Today I binge-watched The Brontes of Haworth, a 1973 mini-series about, who else?, the Bronte Sisters. While I found it entertaining and informative, it was hardly riveting since it was so dark and episodic. Most interesting was seeing, as Branwell Bronte, a young Michael Kitchen, who was, to me, completely unrecognizable as the same person who stars in Foyle's War. While all the Bronte's were a little odd, Branwell was a neurotic wreck. Arrogant and brilliant in his youth, he became a complete loser as an adult, wasting every opportunity for success, embracing laziness and becoming addicted to alcohol, opium, and his own fantasies of fame. He was such a mediocre painter that this series didn't even show his actual portrait of his three surviving sisters, but a far better replacement.

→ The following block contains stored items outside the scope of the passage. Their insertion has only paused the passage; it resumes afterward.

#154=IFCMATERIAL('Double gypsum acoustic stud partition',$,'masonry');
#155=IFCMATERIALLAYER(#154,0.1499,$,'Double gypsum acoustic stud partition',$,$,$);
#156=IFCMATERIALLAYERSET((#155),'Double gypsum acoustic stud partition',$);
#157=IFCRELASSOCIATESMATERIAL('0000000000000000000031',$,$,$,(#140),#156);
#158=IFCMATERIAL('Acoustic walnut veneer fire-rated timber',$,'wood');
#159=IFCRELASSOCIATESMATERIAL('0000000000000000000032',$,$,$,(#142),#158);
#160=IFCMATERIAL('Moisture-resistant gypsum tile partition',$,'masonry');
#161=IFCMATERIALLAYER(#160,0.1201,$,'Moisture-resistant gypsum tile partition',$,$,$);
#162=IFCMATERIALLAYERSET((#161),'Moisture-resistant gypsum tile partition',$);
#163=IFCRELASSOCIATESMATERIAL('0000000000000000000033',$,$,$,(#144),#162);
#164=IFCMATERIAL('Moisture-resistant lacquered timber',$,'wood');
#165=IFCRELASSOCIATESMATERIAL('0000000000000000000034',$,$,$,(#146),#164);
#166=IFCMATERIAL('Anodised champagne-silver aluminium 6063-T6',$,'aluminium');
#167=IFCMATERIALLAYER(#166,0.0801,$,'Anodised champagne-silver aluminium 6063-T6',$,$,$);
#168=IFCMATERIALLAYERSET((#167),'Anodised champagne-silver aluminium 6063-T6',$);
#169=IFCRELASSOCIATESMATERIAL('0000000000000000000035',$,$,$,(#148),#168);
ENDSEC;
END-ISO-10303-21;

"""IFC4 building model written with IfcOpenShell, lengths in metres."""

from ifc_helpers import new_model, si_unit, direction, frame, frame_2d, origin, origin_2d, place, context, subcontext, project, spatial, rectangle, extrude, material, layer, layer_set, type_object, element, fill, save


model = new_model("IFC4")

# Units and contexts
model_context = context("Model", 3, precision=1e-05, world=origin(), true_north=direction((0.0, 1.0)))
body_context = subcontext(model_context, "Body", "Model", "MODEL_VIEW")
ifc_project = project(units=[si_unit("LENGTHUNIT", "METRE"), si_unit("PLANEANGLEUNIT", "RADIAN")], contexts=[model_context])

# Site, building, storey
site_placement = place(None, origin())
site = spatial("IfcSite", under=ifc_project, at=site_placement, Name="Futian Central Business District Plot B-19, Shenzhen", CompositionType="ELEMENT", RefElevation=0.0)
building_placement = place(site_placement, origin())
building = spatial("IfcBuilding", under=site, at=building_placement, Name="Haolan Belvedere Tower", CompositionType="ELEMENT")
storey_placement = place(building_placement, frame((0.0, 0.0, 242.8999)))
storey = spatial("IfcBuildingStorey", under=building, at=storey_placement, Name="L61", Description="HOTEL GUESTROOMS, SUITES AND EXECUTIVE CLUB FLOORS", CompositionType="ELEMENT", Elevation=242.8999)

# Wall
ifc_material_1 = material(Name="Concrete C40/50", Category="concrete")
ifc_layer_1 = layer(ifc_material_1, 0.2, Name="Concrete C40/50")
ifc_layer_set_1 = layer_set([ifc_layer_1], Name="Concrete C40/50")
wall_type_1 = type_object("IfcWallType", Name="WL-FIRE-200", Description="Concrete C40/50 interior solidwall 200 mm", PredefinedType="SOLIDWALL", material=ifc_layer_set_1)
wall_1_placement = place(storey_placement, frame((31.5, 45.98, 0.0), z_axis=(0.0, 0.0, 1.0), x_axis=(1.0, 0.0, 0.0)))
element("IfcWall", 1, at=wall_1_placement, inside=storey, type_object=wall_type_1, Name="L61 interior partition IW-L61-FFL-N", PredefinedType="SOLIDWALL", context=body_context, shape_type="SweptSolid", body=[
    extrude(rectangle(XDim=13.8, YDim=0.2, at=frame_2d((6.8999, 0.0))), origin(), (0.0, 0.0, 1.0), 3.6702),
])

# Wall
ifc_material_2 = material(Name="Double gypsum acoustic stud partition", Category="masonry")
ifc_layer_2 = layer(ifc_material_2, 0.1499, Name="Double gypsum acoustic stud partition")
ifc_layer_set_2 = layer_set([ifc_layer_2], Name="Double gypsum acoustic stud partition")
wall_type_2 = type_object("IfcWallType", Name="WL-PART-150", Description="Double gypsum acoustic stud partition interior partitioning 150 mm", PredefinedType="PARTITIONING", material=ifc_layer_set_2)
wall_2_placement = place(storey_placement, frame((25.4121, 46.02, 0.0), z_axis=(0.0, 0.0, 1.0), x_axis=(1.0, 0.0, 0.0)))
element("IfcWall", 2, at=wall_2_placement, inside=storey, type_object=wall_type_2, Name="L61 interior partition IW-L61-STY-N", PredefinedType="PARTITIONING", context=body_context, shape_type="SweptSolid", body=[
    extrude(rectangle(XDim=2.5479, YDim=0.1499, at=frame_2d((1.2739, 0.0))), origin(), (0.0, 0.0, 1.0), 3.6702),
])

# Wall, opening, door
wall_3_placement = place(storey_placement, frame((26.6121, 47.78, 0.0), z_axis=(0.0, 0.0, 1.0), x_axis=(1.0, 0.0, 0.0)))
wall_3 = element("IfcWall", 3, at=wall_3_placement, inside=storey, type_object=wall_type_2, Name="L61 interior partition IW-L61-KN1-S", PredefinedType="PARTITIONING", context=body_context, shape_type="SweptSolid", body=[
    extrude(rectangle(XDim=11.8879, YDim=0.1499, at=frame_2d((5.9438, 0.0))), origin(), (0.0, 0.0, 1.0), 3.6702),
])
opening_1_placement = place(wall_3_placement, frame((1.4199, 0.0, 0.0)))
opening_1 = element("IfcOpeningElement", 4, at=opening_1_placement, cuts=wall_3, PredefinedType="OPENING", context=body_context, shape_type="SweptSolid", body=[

And what sisters they were. All three were incredibly prolific writers, especially Emily and Charlotte, both of whom wrote novels that still enjoy world-wide popularity. There was a particularly annoying error in this mini-series, which is always done incorrectly with dramas in which hopeful authors receive rejections. It is that the manuscript, being returned, had far too few pages. Manuscripts of novels, especially hand-written ones at that time, would practically require a crate to contain them, and not the lightweight envelope so often shown to arrive from the publisher.
Note: While Branwell Bronte was not as pathetically untalented an artist as, say, George Bush, his paintings were hardly National Gallery material. He originally had included himself in this group
portrait, but later effected his removal.